Once again, ensuring you have enough magnesium is a natural route to health.
Magnesium is the key to insulin sensitivity.
It’s not surprising then that magnesium deficiency is common in metabolic disorders; such as type 2 diabetes and insulin resistance.
Research from 2014 says magnesium deficiency is associated with triggering “acute phase response” that contributes to type 2 diabetes.
Supplements were given to apparently healthy people with prediabetes who had low magnesium.
Taking magnesium supplements decreased their C-reactive protein. C-reactive protein is high in those who become diabetic.
When you already have type 2 diabetes, magnesium deficiency has also been linked to poor glycemic control; diabetic retinopathy (damage to eyes leading to blindness); nephropathy (damage to kidneys leading to renal failure); neuropathy (nerve damage); and foot ulcerations.
Supports Bone Health
You know you need calcium to build bones. But calcium is only one of several minerals required for bones to be strong and malleable.
Its partner magnesium is just as vital (and is aided by minerals like boron; copper; nickel; phosphorus; silicon; and zinc).
Magnesium is actually a metal, and is found in abundance in bones; to keep them as strong and malleable as metal!
An adult body contains about 25 grams of magnesium, and over half is in your bones.
Magnesium is known to reduce the rate that bones degrade or break down. And magnesium deficiency can result in fragile bones.
A 2013 study says that a balanced level of magnesium within bones is crucial for bone health — too little magnesium contributes to bone loss by:
Affecting “crystal formation” in bone cells.

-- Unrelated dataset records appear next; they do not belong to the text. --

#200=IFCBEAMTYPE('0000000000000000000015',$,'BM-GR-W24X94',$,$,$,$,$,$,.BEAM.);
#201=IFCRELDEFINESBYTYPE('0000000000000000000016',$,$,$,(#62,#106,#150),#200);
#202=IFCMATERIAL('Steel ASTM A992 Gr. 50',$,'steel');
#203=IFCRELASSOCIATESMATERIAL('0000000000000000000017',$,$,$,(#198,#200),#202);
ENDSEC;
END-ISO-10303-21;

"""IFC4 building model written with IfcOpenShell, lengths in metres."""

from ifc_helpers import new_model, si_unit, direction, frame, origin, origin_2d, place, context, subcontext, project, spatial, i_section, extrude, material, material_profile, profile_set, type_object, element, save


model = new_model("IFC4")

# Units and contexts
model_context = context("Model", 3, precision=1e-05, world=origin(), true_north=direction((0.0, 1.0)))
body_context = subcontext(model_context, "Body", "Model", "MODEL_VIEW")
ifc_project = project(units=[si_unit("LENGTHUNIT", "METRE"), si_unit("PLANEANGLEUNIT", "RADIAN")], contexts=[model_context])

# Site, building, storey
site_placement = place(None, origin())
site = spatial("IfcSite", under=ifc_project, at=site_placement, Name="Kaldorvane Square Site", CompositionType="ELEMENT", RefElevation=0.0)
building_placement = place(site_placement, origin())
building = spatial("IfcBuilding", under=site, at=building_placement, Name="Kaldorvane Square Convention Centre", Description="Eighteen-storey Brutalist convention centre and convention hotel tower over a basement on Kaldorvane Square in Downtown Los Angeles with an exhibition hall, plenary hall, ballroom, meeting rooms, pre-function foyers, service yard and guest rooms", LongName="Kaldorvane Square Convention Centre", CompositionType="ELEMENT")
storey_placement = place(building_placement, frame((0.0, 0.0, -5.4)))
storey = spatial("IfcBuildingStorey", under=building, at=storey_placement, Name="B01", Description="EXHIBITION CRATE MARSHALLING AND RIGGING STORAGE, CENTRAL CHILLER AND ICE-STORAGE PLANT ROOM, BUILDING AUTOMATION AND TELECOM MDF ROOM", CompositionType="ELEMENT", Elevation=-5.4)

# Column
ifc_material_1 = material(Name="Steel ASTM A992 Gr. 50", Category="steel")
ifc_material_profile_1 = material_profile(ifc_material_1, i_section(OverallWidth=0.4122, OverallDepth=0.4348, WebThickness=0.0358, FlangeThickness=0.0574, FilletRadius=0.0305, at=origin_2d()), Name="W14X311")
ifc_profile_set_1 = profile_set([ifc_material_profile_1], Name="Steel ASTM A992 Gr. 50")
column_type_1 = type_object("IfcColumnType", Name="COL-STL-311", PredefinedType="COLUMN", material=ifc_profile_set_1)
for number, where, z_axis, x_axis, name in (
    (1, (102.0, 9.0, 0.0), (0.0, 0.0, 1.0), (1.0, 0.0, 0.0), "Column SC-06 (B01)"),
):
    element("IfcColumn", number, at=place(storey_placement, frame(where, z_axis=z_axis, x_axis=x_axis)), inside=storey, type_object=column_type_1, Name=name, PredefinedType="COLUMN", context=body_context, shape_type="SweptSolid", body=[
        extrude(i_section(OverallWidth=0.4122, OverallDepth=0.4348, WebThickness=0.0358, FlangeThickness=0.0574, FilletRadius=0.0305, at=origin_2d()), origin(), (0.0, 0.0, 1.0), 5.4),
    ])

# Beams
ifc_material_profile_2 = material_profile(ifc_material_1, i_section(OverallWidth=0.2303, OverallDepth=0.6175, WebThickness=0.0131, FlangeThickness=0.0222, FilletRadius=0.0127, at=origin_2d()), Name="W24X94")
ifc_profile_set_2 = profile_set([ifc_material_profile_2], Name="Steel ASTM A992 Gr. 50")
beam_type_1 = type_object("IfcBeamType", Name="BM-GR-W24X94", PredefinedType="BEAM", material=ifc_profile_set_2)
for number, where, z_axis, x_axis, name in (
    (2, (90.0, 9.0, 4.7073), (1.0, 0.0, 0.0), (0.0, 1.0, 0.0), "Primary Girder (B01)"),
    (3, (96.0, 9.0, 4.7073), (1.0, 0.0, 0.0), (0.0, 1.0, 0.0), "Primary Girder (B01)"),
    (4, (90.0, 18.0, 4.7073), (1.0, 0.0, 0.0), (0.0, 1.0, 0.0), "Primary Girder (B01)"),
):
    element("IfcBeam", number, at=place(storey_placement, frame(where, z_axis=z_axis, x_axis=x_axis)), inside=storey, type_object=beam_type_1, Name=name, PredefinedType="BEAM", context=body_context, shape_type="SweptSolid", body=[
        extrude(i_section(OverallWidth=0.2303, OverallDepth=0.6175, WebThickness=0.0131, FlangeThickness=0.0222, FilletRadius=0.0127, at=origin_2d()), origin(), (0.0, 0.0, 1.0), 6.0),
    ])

Impacting the amount of parathyroid hormone produced. (The amount of calcium your body absorbs is controlled by parathyroid hormone.)
Creating inflammation in your bones.
Magnesium is therefore important to prevent bone loss.
Research shows that people who get higher amounts of magnesium in their food and supplements have a higher bone mineral density.
This is important to reduce the risk of bone fractures and osteoporosis.